My attitude towards Christmas is as follows:

  • I appreciate the holiday season, as I do Thanksgiving, for the way it brings families together, especially extended families.
  • I tend to resent the forced gift-giving materialism aspect of it, naturally.
  • I object to the efforts of some to try to make the holiday Christ-centric. It’s common knowledge the solstice was chosen as the date for Christ’s birth to ease the (forced) conversion of new Christians.

So what does an atheist like myself do?

  • I celebrate “the holidays” with minimal, practical or thoughtful gift-giving.
  • I wish friends a happy holiday.
  • I don’t freak out or correct anyone who innocently wishes me a “merry Christmas,” not because I am afraid to offend, but because I don’t want to make anyone sorry for the kind act of attempting to spread some cheer! And of course, Christmas is fairly secular for a lot of people, so it’s not like they just wished me a “merry feast day of Our Lady” or some such completely, overtly faith-based thing.

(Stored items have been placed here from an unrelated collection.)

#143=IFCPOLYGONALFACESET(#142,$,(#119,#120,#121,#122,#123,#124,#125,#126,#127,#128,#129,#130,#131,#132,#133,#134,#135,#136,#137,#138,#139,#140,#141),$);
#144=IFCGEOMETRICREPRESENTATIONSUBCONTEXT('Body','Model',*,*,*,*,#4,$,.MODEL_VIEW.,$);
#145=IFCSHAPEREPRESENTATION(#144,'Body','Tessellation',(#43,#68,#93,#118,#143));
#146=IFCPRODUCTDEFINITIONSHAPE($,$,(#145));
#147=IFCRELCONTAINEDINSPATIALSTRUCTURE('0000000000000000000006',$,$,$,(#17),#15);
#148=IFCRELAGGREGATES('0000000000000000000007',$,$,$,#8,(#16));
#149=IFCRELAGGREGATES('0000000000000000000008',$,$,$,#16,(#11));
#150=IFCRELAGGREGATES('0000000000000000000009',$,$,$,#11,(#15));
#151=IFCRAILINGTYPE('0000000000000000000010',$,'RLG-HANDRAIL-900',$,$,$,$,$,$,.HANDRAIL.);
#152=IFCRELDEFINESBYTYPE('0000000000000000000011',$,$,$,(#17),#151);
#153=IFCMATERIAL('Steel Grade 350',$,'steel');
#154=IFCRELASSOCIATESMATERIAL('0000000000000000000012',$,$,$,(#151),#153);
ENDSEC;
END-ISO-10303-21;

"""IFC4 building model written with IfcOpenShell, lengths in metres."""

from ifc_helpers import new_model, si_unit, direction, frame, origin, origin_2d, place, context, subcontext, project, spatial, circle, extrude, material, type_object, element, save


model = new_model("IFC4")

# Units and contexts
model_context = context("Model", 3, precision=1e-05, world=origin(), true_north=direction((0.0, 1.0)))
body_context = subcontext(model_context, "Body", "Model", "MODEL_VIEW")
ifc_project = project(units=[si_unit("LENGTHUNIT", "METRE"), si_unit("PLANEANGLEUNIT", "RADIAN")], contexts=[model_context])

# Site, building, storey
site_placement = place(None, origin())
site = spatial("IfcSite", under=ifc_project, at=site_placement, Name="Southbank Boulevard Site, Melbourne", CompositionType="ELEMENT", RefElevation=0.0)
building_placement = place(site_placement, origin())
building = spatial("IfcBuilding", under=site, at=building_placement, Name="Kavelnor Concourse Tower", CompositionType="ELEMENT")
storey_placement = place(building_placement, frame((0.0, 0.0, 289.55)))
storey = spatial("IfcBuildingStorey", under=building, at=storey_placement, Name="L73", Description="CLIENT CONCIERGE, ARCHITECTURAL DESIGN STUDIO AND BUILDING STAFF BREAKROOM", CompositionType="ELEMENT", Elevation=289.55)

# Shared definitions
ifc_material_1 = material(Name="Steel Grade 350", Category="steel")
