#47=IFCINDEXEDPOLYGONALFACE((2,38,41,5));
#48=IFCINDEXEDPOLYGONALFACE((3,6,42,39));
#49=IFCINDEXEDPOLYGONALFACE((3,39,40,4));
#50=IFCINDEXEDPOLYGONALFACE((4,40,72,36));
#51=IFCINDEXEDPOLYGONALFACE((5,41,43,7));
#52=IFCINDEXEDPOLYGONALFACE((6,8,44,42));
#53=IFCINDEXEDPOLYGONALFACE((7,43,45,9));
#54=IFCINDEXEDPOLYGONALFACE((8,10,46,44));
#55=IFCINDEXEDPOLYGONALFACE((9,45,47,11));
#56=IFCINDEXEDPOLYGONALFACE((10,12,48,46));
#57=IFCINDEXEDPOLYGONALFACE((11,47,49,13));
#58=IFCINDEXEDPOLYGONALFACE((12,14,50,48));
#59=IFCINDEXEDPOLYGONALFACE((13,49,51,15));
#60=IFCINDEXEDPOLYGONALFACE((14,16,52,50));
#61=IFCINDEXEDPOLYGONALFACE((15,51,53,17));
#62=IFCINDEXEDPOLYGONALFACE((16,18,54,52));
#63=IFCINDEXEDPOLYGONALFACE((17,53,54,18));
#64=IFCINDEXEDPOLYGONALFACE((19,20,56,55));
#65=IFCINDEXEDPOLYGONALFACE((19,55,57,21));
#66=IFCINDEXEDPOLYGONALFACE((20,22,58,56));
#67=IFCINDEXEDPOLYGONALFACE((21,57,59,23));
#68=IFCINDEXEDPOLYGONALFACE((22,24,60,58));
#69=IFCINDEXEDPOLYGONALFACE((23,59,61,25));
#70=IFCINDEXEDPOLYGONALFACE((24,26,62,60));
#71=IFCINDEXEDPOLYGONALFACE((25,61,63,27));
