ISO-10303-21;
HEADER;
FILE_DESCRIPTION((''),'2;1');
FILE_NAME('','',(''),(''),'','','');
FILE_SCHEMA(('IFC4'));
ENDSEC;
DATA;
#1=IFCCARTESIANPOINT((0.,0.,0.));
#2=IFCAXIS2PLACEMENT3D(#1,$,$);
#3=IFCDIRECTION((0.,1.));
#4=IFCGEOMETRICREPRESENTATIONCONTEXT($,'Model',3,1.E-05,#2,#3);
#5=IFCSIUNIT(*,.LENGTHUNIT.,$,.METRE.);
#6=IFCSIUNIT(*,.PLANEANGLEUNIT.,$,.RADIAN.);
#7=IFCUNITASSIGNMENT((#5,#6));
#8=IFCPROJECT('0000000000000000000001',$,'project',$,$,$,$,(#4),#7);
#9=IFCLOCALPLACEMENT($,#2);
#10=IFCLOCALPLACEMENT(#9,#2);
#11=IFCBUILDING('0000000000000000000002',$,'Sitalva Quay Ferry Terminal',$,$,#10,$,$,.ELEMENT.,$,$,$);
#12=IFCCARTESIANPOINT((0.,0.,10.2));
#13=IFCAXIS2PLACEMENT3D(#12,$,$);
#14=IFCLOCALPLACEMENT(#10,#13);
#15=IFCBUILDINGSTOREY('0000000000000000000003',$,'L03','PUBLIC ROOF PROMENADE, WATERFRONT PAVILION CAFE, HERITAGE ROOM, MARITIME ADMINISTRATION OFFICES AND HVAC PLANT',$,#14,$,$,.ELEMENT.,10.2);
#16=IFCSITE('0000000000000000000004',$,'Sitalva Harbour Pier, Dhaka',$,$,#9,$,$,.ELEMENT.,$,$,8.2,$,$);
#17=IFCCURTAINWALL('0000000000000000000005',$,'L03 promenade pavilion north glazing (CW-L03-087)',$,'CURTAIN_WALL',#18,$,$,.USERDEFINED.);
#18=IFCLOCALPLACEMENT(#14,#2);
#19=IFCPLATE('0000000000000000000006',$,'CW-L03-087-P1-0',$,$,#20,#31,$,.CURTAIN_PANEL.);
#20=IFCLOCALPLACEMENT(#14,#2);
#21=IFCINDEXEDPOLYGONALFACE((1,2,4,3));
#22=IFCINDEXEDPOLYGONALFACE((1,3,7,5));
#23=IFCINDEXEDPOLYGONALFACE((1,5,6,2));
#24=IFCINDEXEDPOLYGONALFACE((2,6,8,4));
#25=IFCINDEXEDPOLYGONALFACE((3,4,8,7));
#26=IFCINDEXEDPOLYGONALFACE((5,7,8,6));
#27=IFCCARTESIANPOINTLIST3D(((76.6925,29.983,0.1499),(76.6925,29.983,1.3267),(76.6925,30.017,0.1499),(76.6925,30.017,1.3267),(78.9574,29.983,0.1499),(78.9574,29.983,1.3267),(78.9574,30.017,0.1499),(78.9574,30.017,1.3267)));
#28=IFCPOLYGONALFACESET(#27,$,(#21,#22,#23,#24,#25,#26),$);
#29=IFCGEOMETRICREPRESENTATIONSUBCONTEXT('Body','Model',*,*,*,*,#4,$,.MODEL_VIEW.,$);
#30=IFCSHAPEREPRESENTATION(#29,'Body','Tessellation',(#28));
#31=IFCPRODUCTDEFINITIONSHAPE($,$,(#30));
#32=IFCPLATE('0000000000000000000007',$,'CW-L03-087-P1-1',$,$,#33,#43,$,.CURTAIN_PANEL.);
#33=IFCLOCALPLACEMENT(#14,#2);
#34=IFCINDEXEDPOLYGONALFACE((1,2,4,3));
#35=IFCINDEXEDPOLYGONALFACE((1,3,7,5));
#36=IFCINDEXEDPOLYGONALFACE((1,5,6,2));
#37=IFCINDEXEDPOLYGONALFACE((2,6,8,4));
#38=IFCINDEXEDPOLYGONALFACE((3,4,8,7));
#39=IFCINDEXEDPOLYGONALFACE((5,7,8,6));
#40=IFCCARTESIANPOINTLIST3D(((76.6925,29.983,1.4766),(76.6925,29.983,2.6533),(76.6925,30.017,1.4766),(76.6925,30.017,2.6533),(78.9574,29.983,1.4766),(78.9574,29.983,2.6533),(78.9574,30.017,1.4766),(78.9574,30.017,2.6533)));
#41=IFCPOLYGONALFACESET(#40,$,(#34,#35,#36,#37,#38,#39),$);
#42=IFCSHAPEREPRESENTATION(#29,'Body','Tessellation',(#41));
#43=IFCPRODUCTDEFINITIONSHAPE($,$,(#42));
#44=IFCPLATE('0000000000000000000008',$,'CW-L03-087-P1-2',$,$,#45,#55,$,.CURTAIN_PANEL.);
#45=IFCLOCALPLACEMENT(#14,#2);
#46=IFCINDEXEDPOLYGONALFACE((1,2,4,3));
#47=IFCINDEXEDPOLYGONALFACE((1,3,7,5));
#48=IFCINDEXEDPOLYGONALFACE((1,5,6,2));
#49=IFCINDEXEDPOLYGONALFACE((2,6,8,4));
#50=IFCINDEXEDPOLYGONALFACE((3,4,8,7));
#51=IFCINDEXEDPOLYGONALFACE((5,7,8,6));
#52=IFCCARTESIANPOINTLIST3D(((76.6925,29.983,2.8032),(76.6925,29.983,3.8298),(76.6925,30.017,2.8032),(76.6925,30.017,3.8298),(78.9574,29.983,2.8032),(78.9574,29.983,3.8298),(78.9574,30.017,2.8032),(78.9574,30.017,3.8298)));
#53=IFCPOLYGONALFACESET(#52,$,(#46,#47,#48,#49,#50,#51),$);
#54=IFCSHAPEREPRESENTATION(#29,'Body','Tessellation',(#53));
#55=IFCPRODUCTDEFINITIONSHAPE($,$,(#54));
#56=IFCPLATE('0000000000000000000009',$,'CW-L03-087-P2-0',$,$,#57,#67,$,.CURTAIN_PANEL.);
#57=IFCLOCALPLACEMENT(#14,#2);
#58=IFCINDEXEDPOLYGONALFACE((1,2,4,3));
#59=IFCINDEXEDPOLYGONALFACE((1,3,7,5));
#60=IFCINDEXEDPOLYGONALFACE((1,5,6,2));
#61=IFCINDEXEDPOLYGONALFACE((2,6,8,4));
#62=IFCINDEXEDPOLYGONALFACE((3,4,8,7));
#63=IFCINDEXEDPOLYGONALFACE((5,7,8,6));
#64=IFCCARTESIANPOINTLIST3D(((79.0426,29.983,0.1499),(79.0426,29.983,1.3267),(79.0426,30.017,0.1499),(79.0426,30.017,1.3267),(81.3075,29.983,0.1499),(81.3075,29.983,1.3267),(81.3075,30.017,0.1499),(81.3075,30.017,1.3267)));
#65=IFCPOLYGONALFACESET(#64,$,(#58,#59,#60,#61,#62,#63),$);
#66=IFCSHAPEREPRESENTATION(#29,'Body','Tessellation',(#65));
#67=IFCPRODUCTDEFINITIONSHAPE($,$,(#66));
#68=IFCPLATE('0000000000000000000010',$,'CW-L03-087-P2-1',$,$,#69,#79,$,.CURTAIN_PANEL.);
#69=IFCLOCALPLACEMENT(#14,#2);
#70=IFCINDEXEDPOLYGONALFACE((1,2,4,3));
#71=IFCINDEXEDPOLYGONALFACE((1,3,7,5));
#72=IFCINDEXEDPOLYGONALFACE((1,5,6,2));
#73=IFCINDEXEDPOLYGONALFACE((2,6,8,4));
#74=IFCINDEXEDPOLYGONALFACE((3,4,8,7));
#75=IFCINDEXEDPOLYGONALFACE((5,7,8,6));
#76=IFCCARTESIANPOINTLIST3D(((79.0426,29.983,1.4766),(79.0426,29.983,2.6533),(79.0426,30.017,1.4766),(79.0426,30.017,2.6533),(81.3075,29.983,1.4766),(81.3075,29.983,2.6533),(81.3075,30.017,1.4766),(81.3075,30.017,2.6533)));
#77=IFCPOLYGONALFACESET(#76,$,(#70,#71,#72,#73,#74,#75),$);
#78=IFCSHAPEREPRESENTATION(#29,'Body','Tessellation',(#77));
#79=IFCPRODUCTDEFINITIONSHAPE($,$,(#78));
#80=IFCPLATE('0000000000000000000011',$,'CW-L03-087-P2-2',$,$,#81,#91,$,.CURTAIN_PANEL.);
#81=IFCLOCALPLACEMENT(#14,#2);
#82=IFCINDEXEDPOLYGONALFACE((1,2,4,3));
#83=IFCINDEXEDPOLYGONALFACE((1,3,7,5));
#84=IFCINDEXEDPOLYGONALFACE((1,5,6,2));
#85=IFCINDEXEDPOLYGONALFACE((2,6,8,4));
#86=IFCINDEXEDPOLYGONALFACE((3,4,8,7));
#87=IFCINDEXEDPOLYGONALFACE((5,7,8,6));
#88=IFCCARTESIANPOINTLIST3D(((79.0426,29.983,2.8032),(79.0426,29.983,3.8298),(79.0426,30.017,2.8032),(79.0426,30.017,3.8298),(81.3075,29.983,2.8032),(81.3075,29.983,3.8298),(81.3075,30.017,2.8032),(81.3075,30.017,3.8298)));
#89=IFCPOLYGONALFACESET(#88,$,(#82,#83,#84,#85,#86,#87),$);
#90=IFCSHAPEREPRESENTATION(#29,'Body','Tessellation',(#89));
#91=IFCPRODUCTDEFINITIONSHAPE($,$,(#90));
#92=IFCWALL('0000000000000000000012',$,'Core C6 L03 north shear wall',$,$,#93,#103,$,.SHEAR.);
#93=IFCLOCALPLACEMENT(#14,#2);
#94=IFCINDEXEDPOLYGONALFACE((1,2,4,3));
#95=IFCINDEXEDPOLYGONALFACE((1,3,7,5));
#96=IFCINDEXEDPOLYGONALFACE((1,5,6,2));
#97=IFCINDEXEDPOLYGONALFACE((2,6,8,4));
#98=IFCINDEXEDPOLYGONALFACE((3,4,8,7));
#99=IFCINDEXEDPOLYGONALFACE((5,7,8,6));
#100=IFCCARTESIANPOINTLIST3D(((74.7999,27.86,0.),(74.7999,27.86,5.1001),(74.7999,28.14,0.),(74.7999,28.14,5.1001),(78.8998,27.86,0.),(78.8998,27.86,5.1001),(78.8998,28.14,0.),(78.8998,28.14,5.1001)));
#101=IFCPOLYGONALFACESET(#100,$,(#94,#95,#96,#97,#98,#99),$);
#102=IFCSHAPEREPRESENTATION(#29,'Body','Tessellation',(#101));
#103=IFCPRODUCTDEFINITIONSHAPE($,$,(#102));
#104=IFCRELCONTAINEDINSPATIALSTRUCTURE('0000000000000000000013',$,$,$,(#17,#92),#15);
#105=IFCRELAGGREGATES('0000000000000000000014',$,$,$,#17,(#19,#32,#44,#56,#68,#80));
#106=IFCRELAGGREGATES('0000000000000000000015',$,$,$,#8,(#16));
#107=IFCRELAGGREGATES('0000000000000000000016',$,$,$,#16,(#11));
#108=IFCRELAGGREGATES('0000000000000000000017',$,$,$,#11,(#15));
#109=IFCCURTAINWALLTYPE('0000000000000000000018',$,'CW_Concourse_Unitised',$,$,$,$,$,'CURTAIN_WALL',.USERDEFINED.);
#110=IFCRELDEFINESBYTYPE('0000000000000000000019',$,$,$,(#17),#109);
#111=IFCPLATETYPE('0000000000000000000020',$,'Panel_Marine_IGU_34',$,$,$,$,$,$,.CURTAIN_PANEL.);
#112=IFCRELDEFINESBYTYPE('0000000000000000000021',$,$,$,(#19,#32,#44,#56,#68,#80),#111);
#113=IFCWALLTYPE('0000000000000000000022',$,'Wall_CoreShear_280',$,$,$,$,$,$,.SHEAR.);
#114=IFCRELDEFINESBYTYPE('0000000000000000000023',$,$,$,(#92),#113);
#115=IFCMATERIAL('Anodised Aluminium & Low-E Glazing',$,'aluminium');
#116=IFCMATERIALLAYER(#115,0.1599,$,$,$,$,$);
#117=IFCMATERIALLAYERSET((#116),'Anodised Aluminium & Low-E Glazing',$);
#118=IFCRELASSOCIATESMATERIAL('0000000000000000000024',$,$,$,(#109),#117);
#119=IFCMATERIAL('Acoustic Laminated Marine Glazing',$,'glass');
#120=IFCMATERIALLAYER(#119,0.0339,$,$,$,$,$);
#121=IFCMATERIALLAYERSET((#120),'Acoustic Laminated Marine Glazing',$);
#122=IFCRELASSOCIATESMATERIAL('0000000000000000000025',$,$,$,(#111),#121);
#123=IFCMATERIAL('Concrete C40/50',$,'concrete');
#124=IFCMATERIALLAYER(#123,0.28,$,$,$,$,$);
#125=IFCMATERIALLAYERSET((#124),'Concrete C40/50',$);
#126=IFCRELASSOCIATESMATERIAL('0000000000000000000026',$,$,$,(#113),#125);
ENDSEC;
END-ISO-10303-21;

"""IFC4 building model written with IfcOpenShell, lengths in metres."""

from ifc_helpers import new_model, si_unit, direction, frame, frame_2d, origin, origin_2d, place, context, subcontext, project, spatial, rectangle, extrude, material, layer, layer_set, type_object, element, aggregate, save


model = new_model("IFC4")

# Units and contexts
model_context = context("Model", 3, precision=1e-05, world=origin(), true_north=direction((0.0, 1.0)))
body_context = subcontext(model_context, "Body", "Model", "MODEL_VIEW")
ifc_project = project(units=[si_unit("LENGTHUNIT", "METRE"), si_unit("PLANEANGLEUNIT", "RADIAN")], contexts=[model_context])

# Site, building, storey
site_placement = place(None, origin())
site = spatial("IfcSite", under=ifc_project, at=site_placement, Name="Sitalva Harbour Pier, Dhaka", CompositionType="ELEMENT", RefElevation=8.2)
building_placement = place(site_placement, origin())
building = spatial("IfcBuilding", under=site, at=building_placement, Name="Sitalva Quay Ferry Terminal", CompositionType="ELEMENT")
storey_placement = place(building_placement, frame((0.0, 0.0, 10.2)))
storey = spatial("IfcBuildingStorey", under=building, at=storey_placement, Name="L03", Description="PUBLIC ROOF PROMENADE, WATERFRONT PAVILION CAFE, HERITAGE ROOM, MARITIME ADMINISTRATION OFFICES AND HVAC PLANT", CompositionType="ELEMENT", Elevation=10.2)

# Curtain wall, plates
ifc_material_1 = material(Name="Anodised Aluminium & Low-E Glazing", Category="aluminium")
ifc_layer_1 = layer(ifc_material_1, 0.1599)
ifc_layer_set_1 = layer_set([ifc_layer_1], Name="Anodised Aluminium & Low-E Glazing")
curtain_wall_type = type_object("IfcCurtainWallType", Name="CW_Concourse_Unitised", ElementType="CURTAIN_WALL", PredefinedType="USERDEFINED", material=ifc_layer_set_1)
curtain_wall_placement = place(storey_placement, origin())
curtain_wall = element("IfcCurtainWall", 1, at=curtain_wall_placement, inside=storey, type_object=curtain_wall_type, Name="L03 promenade pavilion north glazing (CW-L03-087)", ObjectType="CURTAIN_WALL", PredefinedType="USERDEFINED")
ifc_material_2 = material(Name="Acoustic Laminated Marine Glazing", Category="glass")
ifc_layer_2 = layer(ifc_material_2, 0.0339)
ifc_layer_set_2 = layer_set([ifc_layer_2], Name="Acoustic Laminated Marine Glazing")
plate_type = type_object("IfcPlateType", Name="Panel_Marine_IGU_34", PredefinedType="CURTAIN_PANEL", material=ifc_layer_set_2)
plate_1_placement = place(storey_placement, frame((77.825, 30.0, 0.1499), z_axis=(0.0, 0.0, 1.0), x_axis=(1.0, 0.0, 0.0)))
plate_1 = element("IfcPlate", 2, at=plate_1_placement, type_object=plate_type, Name="CW-L03-087-P1-0", PredefinedType="CURTAIN_PANEL", context=body_context, shape_type="SweptSolid", body=[
    extrude(rectangle(XDim=2.2649, YDim=0.0339, at=origin_2d()), origin(), (0.0, 0.0, 1.0), 1.1768),
])
plate_2_placement = place(storey_placement, frame((77.825, 30.0, 1.4766), z_axis=(0.0, 0.0, 1.0), x_axis=(1.0, 0.0, 0.0)))
plate_2 = element("IfcPlate", 3, at=plate_2_placement, type_object=plate_type, Name="CW-L03-087-P1-1", PredefinedType="CURTAIN_PANEL", context=body_context, shape_type="SweptSolid", body=[
    extrude(rectangle(XDim=2.2649, YDim=0.0339, at=origin_2d()), origin(), (0.0, 0.0, 1.0), 1.1768),
])
plate_3_placement = place(storey_placement, frame((77.825, 30.0, 2.8032), z_axis=(0.0, 0.0, 1.0), x_axis=(1.0, 0.0, 0.0)))
plate_3 = element("IfcPlate", 4, at=plate_3_placement, type_object=plate_type, Name="CW-L03-087-P1-2", PredefinedType="CURTAIN_PANEL", context=body_context, shape_type="SweptSolid", body=[
    extrude(rectangle(XDim=2.2649, YDim=0.0339, at=origin_2d()), origin(), (0.0, 0.0, 1.0), 1.0266),
])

Happy holidays, and make the best of 2010!

Catholic Church “donates” $500K to restrict gay rights

Oh good, another reason for me to hate Catholicism (and Christianity in general):

Of the donations supporting the anti-gay Yes on 1 measure in Maine, 89% ($3 million) came from churches, Christian organizations, and their employees. The Catholic Church alone directly contributed $553,608.27.

Ah yes, Christian charitable giving. Warms the cockles of the heart.

Does anyone care to explain why Catholics think preventing gay couples from happy commitment is worth half a million dollars?

I’ll take a stab at it: Because the Catholics are all about creating guilt for, and instilling control over, the sexual and reproductive nature of, well, everyone. Their dogma is that sex (which they define to include masturbation and oral sex) is only appropriate for married couples attempting to procreate. Gay sex — indeed, homosexuality itself — is a direct challenge to that idea; for if God made men who have sex with men, procreation can hardly be the only purpose of sex, can it?

And then where will the Catholic babies come from, if Catholic couples no longer fear damnation if they use birth control?

Disgusting.

How is it possible for Jesus to learn?

I found the following letter in The Independent:

Letter: The toddler Jesus

John Coutts Tuesday, 30 December 1997

The toddler Jesus

Sir: Glad tidings! Miles Kington has taken up New Testament studies (16 December). But he is way off-target in suggesting that Mary’s Boy Child would have made grown-up remarks at the age of six months. Luke’s Gospel (2:46,52) makes it quite clear that Jesus was a normal child who “grew both in body and wisdom” and asked questions rather than giving answers.

JOHN COUTTS

Gravesend, Kent

The passage in question recounts the story of Jesus going to the temple as a young boy/man and simultaneously learning and debating Jewish theology in an extraordinarily gifted manner. This is weird, because where is that skill coming from? The fact he is God? Then why does he need to learn anything at all?

That is a reason that a baby Jesus is absurd. What was God thinking as he waved his little hands and soiled himself?